A 25 ans, Chalit a décidé de franchir le pas et de devenir un homme. Une clinique d’un genre nouveau à Bangkok l’épaule, avec comme ambition de briser la solitude des transsexuels, souvent livrés à une dangereuse automédication en Asie.
"Je m’en remets aux médecins. Je ne fais pas ça moi-même, afin que ce ne soit pas dangereux", explique Chalit Pongpitakwiset (à droite sur la photo), employée d’une société informatique qui se contentait jusqu’ici d’un look de garçon manqué.
Quelques jours après avoir reçu sa première injection de testostérone, Chalit revient faire un bilan à Tangerine, petite clinique dédiée au suivi des transsexuels, à deux pas d’une prestigieuse université de Bangkok.
Elle est financée par des partenaires internationaux et hébergée dans un centre de dépistage du sida de la Croix-Rouge, notamment l’agence de développement américaine USAIDS.
La clinique est un programme pilote en Asie qui pourrait essaimer dans la région. Son implantation en Thaïlande ne doit rien au hasard, le royaume étant réputé pour la visibilité de ses transsexuels et son industrie des opérations de changement de sexe.

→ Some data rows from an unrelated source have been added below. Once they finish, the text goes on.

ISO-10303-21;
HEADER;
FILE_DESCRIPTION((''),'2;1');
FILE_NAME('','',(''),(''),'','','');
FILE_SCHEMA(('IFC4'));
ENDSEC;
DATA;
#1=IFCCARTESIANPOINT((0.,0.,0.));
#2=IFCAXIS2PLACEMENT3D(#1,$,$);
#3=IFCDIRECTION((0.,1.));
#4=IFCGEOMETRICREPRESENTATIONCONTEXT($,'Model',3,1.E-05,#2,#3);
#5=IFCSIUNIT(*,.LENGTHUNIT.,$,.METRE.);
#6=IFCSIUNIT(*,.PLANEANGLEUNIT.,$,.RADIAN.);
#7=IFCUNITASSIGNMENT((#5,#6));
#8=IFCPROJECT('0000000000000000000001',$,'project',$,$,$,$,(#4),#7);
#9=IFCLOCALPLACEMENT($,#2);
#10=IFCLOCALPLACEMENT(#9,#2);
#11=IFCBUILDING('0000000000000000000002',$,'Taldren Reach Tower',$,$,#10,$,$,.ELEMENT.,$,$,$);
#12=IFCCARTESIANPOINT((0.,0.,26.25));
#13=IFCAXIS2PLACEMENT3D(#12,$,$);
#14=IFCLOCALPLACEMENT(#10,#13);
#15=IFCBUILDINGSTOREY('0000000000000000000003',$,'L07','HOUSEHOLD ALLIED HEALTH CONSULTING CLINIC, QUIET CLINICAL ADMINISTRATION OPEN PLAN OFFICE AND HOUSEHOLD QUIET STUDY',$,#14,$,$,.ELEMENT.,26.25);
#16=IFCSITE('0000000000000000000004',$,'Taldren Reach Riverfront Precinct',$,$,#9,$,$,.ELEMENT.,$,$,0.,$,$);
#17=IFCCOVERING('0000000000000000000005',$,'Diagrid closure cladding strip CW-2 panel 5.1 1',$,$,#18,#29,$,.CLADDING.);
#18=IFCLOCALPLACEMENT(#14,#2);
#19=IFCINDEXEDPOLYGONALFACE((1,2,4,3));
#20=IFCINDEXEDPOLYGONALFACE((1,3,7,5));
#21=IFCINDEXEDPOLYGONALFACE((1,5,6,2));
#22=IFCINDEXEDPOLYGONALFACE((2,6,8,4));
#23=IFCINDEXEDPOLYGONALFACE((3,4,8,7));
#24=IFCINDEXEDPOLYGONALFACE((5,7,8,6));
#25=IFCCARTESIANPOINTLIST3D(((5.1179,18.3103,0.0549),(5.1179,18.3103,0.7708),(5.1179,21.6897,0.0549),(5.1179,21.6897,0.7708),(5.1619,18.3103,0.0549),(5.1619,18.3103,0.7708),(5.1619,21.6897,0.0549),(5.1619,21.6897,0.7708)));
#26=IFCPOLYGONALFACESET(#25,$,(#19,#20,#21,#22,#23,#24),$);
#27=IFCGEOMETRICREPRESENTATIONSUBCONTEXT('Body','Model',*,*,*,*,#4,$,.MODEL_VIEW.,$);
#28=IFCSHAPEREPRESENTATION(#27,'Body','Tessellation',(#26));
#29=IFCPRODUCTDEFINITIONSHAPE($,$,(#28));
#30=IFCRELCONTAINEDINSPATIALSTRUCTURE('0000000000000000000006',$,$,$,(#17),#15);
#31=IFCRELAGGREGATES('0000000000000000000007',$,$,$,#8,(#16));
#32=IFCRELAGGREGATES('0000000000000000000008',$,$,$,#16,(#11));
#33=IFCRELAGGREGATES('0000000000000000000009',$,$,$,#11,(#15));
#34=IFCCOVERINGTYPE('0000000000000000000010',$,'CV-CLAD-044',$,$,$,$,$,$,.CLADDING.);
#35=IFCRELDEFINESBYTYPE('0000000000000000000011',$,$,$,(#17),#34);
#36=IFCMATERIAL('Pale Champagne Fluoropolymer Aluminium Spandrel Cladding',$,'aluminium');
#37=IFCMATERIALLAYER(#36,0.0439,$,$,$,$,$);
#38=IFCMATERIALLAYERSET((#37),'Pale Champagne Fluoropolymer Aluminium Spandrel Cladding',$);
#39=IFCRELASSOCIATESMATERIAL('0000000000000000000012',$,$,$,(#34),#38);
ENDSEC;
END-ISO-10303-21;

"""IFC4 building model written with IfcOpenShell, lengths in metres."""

from ifc_helpers import new_model, si_unit, direction, frame, origin, origin_2d, place, context, subcontext, project, spatial, rectangle, extrude, source, transform, mapped, material, layer, layer_set, type_object, element, save


model = new_model("IFC4")

# Units and contexts
model_context = context("Model", 3, precision=1e-05, world=origin(), true_north=direction((0.0, 1.0)))
body_context = subcontext(model_context, "Body", "Model", "MODEL_VIEW")
ifc_project = project(units=[si_unit("LENGTHUNIT", "METRE"), si_unit("PLANEANGLEUNIT", "RADIAN")], contexts=[model_context])

# Site, building, storey
site_placement = place(None, origin())
site = spatial("IfcSite", under=ifc_project, at=site_placement, Name="Taldren Reach Riverfront Precinct", CompositionType="ELEMENT", RefElevation=0.0)
building_placement = place(site_placement, origin())
building = spatial("IfcBuilding", under=site, at=building_placement, Name="Taldren Reach Tower", CompositionType="ELEMENT")
storey_placement = place(building_placement, frame((0.0, 0.0, 26.25)))
storey = spatial("IfcBuildingStorey", under=building, at=storey_placement, Name="L07", Description="HOUSEHOLD ALLIED HEALTH CONSULTING CLINIC, QUIET CLINICAL ADMINISTRATION OPEN PLAN OFFICE AND HOUSEHOLD QUIET STUDY", CompositionType="ELEMENT", Elevation=26.25)

# Covering
ifc_material_1 = material(Name="Pale Champagne Fluoropolymer Aluminium Spandrel Cladding", Category="aluminium")
ifc_layer_1 = layer(ifc_material_1, 0.0439)
ifc_layer_set_1 = layer_set([ifc_layer_1], Name="Pale Champagne Fluoropolymer Aluminium Spandrel Cladding")
covering_type = type_object("IfcCoveringType", Name="CV-CLAD-044", PredefinedType="CLADDING", material=ifc_layer_set_1)
shared_shape_1 = source(origin(), body_context, "Body", "SweptSolid", [
    extrude(rectangle(XDim=3.3794, YDim=0.0439, at=origin_2d()), origin(), (0.0, 0.0, 1.0), 0.7158),
])
covering_placement = place(storey_placement, frame((5.1399, 20.0, 0.0549), z_axis=(0.0, 0.0, 1.0), x_axis=(0.0, -1.0, 0.0)))
element("IfcCovering", 1, at=covering_placement, inside=storey, type_object=covering_type, Name="Diagrid closure cladding strip CW-2 panel 5.1 1", PredefinedType="CLADDING", context=body_context, shape_type="MappedRepresentation", body=[
    mapped(shared_shape_1, transform((0.0, 0.0, 0.0), scale=1.0)),
])

save(model, "model.ifc")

Mais ici comme ailleurs en Asie-Pacifique, région qui compterait plus de neuf millions de personnes "transgenres" selon des estimations de l’ONU, l’accompagnement des patients sur le long terme est négligé.
Les hormones s’achètent sur internet ou dans des pharmacies peu regardantes, avec en guise de conseillers en posologie les amis et forums de discussion sur internet. Chalit a consulté un psychiatre pendant plusieurs mois avant de franchir le pas, même si en Thaïlande, ce n’est obligatoire qu’avant une opération de changement de sexe, pas une "simple" prise d’hormones.

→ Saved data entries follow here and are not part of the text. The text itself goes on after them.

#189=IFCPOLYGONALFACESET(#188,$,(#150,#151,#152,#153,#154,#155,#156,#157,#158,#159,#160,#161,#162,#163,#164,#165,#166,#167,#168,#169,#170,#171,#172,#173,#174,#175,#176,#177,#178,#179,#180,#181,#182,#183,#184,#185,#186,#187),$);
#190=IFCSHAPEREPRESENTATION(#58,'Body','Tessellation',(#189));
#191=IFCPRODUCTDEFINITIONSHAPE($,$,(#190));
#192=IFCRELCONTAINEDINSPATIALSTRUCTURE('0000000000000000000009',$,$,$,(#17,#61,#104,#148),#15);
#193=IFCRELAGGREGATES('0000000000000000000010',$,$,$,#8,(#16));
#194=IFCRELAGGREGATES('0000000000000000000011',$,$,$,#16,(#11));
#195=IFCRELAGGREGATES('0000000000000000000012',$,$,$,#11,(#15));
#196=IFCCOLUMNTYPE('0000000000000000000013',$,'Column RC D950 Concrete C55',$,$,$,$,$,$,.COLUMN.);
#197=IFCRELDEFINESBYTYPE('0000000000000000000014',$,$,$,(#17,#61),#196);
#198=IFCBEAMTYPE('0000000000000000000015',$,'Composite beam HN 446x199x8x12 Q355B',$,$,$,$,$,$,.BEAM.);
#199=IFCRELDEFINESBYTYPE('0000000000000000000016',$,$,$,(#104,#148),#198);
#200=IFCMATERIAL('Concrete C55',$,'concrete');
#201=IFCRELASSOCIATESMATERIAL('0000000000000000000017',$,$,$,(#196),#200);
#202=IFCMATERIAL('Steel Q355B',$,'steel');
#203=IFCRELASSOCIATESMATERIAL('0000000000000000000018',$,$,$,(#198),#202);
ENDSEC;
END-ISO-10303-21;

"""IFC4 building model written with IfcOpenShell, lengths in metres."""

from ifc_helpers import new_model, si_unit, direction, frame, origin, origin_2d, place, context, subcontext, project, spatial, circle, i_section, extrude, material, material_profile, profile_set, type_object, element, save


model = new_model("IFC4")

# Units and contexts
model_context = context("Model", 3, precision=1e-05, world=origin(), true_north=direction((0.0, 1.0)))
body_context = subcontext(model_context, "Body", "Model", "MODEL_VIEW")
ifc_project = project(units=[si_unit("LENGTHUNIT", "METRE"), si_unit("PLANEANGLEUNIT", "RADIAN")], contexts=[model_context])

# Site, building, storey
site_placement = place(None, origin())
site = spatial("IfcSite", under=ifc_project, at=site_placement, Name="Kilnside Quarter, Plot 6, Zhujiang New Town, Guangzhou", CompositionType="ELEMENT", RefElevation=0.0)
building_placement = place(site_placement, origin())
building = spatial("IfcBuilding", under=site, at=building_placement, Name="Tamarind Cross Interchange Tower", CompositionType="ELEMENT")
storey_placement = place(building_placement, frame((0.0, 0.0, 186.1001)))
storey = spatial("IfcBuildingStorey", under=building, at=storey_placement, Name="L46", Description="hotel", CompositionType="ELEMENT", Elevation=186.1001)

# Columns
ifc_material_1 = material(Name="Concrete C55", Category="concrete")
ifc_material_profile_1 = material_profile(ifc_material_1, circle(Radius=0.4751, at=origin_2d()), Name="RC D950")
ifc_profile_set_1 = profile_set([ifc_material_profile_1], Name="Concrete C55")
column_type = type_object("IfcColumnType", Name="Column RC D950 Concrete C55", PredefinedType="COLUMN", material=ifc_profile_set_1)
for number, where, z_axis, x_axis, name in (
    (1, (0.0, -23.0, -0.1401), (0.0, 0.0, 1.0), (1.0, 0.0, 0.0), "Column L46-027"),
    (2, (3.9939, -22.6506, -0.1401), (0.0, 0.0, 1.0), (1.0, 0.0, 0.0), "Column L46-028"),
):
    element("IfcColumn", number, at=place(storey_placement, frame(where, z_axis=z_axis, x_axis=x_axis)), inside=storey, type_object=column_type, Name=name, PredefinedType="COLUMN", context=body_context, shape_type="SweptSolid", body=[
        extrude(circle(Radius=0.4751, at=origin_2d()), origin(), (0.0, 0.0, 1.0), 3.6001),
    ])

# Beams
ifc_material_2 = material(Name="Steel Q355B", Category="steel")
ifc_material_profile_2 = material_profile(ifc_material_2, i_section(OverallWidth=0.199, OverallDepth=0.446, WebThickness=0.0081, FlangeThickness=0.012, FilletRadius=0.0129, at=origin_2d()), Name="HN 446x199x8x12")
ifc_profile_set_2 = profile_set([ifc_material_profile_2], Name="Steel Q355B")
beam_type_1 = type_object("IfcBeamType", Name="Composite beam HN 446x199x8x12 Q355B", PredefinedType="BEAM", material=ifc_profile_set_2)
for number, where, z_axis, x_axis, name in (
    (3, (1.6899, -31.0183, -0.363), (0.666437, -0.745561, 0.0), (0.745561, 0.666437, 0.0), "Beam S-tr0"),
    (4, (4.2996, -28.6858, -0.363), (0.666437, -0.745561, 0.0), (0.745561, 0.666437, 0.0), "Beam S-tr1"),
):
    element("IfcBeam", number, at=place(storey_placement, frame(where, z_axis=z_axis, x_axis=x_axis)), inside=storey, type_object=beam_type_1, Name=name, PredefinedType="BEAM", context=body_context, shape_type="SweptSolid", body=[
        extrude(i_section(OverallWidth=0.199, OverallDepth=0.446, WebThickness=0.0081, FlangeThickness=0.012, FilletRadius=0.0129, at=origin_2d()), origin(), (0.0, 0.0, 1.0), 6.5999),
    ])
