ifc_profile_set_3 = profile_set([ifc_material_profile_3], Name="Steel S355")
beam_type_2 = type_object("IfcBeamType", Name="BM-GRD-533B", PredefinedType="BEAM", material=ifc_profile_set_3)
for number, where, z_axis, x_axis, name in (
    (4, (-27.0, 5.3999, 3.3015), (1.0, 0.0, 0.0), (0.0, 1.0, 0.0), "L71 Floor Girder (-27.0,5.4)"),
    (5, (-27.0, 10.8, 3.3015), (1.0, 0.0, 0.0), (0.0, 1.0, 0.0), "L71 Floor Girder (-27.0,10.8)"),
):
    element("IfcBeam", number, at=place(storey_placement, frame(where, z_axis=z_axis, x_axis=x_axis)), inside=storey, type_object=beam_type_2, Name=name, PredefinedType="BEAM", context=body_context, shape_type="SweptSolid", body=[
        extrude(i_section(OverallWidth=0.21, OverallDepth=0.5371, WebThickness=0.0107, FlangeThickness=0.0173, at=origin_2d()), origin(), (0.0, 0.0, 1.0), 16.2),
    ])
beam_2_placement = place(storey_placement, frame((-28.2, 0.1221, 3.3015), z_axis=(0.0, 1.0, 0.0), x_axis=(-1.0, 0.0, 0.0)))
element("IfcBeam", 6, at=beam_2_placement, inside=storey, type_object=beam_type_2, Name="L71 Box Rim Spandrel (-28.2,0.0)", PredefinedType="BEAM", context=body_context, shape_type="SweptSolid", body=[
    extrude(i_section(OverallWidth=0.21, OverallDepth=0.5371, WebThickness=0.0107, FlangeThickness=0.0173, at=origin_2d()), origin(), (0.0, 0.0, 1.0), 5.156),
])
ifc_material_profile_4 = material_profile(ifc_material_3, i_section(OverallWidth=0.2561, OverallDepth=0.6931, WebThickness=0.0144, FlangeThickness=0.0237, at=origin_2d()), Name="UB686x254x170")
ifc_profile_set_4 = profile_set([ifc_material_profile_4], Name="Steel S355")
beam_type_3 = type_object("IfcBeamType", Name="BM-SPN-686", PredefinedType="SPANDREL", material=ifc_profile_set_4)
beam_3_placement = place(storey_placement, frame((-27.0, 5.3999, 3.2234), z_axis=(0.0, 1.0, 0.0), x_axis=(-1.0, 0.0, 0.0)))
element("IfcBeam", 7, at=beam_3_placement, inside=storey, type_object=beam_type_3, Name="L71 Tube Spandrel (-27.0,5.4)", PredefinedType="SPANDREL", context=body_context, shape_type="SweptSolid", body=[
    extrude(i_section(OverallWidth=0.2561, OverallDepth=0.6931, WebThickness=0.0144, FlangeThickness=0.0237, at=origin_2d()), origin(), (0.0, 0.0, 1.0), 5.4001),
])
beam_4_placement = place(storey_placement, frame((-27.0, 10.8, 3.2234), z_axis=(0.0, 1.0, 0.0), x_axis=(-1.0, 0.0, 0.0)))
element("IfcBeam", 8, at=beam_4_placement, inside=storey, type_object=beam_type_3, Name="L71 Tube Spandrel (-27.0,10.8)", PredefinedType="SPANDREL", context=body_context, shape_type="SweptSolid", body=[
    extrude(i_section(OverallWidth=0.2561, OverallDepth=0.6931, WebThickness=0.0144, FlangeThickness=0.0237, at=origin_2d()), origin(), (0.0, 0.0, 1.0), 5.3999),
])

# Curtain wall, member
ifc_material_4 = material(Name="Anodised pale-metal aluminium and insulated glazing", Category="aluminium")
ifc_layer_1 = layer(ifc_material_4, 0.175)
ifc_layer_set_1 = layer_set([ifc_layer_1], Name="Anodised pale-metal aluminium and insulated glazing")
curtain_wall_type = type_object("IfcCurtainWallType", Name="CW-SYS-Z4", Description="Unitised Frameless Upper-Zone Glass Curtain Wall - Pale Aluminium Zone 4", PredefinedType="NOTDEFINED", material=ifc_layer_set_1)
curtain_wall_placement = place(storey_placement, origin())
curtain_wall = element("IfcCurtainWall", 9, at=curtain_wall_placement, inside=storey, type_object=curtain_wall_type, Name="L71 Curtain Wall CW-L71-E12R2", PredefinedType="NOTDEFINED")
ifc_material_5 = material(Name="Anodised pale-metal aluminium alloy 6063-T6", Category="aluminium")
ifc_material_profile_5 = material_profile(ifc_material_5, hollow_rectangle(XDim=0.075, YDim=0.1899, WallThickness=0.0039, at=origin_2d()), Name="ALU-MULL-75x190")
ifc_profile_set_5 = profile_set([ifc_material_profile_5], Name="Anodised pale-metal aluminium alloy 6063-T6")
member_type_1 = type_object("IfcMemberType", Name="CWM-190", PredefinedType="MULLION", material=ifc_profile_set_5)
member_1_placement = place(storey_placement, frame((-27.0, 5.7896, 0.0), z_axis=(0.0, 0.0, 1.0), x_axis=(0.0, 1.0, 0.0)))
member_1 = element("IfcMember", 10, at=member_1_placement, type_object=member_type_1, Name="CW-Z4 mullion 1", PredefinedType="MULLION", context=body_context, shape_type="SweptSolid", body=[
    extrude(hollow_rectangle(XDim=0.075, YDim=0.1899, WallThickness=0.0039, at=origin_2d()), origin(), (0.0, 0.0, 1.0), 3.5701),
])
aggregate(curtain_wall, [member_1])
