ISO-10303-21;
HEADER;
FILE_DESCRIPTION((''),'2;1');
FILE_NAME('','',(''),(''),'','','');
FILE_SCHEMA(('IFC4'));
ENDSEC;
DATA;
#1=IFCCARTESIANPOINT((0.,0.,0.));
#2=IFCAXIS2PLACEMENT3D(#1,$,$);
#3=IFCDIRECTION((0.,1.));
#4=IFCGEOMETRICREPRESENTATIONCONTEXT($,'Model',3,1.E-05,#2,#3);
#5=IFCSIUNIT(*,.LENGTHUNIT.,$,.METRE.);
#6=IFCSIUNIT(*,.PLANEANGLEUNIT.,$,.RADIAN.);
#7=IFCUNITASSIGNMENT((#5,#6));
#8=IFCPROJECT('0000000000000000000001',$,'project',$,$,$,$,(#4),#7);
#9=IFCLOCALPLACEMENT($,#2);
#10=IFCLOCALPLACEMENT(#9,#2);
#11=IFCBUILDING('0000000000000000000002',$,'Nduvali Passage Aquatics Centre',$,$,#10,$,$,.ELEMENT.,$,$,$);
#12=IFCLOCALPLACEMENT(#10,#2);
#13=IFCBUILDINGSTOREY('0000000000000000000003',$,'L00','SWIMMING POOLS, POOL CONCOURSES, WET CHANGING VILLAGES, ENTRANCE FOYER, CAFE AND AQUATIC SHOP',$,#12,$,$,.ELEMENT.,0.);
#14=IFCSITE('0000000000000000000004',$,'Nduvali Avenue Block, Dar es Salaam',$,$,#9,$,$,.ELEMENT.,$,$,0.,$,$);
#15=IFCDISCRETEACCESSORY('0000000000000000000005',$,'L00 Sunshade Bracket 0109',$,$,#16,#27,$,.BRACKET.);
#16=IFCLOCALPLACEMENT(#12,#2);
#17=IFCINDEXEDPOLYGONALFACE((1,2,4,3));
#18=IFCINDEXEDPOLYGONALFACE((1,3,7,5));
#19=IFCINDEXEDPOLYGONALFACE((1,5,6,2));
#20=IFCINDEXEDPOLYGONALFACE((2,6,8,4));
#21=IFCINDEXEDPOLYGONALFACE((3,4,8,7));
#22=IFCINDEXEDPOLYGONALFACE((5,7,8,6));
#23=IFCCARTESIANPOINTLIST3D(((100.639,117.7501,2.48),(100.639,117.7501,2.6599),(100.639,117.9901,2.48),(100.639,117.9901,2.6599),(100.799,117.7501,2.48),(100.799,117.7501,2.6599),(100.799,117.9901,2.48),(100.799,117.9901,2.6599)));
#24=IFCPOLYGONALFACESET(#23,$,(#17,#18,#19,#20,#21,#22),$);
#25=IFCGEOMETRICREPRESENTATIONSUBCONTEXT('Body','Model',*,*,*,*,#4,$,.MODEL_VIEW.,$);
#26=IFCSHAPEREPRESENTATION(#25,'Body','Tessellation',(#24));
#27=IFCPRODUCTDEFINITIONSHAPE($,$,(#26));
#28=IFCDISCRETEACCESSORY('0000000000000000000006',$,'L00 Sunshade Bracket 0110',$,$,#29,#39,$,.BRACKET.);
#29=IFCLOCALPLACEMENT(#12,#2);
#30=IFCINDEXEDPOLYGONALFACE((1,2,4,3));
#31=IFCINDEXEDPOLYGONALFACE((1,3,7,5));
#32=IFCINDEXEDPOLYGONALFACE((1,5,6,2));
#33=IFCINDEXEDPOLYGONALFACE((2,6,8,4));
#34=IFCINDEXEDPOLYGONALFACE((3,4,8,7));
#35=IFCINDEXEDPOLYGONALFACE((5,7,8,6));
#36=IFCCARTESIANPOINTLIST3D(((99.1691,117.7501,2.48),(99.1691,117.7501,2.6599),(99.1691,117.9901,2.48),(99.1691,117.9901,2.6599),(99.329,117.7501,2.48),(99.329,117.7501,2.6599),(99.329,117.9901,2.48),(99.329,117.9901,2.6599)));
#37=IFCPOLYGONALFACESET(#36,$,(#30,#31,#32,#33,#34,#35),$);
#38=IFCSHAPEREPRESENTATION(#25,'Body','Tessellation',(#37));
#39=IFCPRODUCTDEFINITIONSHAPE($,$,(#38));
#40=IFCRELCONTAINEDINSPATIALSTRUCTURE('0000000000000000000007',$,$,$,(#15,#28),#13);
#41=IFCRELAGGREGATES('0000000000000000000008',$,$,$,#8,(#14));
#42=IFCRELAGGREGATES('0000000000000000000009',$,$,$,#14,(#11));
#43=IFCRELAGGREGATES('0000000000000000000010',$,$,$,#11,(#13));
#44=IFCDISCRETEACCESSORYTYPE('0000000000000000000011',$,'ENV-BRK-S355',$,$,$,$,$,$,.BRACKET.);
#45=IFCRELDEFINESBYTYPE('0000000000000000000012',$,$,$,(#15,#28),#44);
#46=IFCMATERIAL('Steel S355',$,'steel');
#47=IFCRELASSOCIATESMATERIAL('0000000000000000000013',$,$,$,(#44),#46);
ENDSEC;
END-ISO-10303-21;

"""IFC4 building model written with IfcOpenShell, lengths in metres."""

from ifc_helpers import new_model, si_unit, direction, frame, origin, origin_2d, place, context, subcontext, project, spatial, rectangle, extrude, material, type_object, element, save


model = new_model("IFC4")

# Units and contexts
model_context = context("Model", 3, precision=1e-05, world=origin(), true_north=direction((0.0, 1.0)))
body_context = subcontext(model_context, "Body", "Model", "MODEL_VIEW")
ifc_project = project(units=[si_unit("LENGTHUNIT", "METRE"), si_unit("PLANEANGLEUNIT", "RADIAN")], contexts=[model_context])

# Site, building, storey
site_placement = place(None, origin())
site = spatial("IfcSite", under=ifc_project, at=site_placement, Name="Nduvali Avenue Block, Dar es Salaam", CompositionType="ELEMENT", RefElevation=0.0)
building_placement = place(site_placement, origin())
building = spatial("IfcBuilding", under=site, at=building_placement, Name="Nduvali Passage Aquatics Centre", CompositionType="ELEMENT")
storey_placement = place(building_placement, origin())
storey = spatial("IfcBuildingStorey", under=building, at=storey_placement, Name="L00", Description="SWIMMING POOLS, POOL CONCOURSES, WET CHANGING VILLAGES, ENTRANCE FOYER, CAFE AND AQUATIC SHOP", CompositionType="ELEMENT", Elevation=0.0)

# Shared definitions
ifc_material_1 = material(Name="Steel S355", Category="steel")

# Discrete accessories
discrete_accessory_type = type_object("IfcDiscreteAccessoryType", Name="ENV-BRK-S355", PredefinedType="BRACKET", material=ifc_material_1)
for number, where, z_axis, x_axis, name in (
    (1, (100.719, 117.8701, 2.48), (0.0, 0.0, 1.0), (-1.0, 0.0, 0.0), "L00 Sunshade Bracket 0109"),
    (2, (99.249, 117.8701, 2.48), (0.0, 0.0, 1.0), (-1.0, 0.0, 0.0), "L00 Sunshade Bracket 0110"),
):
    element("IfcDiscreteAccessory", number, at=place(storey_placement, frame(where, z_axis=z_axis, x_axis=x_axis)), inside=storey, type_object=discrete_accessory_type, Name=name, PredefinedType="BRACKET", context=body_context, shape_type="SweptSolid", body=[
        extrude(rectangle(XDim=0.1599, YDim=0.24, at=origin_2d()), origin(), (0.0, 0.0, 1.0), 0.1799),
    ])

save(model, "model.ifc")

"J’ai conscience depuis l’enfance que je suis un homme. J’ai passé 25 ans dans la peau d’une femme. Je veux me transformer en ce que je suis vraiment. Les hormones font faire cesser mes règles, changer ma voix, faire pousser une barbe et développer mes muscles", détaille Chalit, qui reçoit une injection de testostérone toutes les deux semaines. Pour l’heure, seule une vingtaine de patients, dont une majorité de femmes voulant devenir hommes, sont suivis à Tangerine, où les médecins évoquent avec eux les effets secondaires tus par les sites internet.
Le centre propose également de suivre les transsexuels laissés trop rapidement à eux-mêmes après une opération de changement de sexe, afin notamment de prévenir les infections génitales. "La plupart des cliniques procédant aux opérations ne proposent qu’un suivi médical à court terme", déplore le docteur Nittaya Phanuphak, responsable de Tangerine.
Elle pointe également du doigt le danger de la surconsommation d’hormones (maladies du foie ou cardio-vasculaires), par des jeunes soucieux d’obtenir des changements rapides de leur corps. "Parmi les gens qui font des injections d’hormones en dehors de la clinique, nombreux sont ceux qui les achètent sur internet ou au marché noir", s’inquiète-t-elle.
"Cela fait deux ans que je prends des hormones moi-même", confirme Benyapon Chimsud, jeune diplômé d’une grande université de Bangkok ressemblant déjà fortement à une femme. Pour les doses, "je consulte mes amis", explique celle qui prend aussi la pilule contraceptive, en libre service en Thaïlande, montrant les ampoules d’hormones qu’il s’apprête à aller se faire injecter dans une petite clinique de quartier.
Les associations de défense des droits des transsexuels comme l’Asia-Pacific Transgender Network (APTN) pointent du doigt l’absence de prise en charge de ce sujet de santé publique. "Il n’y a pas de directives officielles claires concernant l’administration et la surveillance des traitements hormonaux parmi les personnes transgenres", explique Joe Wong, de l’APTN, réclamant plus largement des soins "accessibles" pour tous les transsexuels. Le docteur Nittaya note quant à elle en Thaïlande une "discrimination", "intentionnelle ou non", dans les services de santé classiques.
Car, derrière son apparence de libéralité, notamment envers les transsexuels, la Thaïlande est une société qui reste conservatrice. Jusqu’en 2012, la transsexualité était considérée comme une maladie mentale par l’armée. Et le changement de genre n’est toujours pas reconnu légalement, le sexe d’origine restant celui indiqué dans le passeport, ce qui rend délicat par exemple le suivi dans un service de gynécologie classique.
Quelques jours avant de commencer son traitement, Chalit, qui envisage de se faire opérer, s’est fait graver la formule de la molécule de la testostérone sur le bras. "Je vais devoir prendre des hormones toute ma vie. Ce tatouage restera lui aussi avec moi toute ma vie".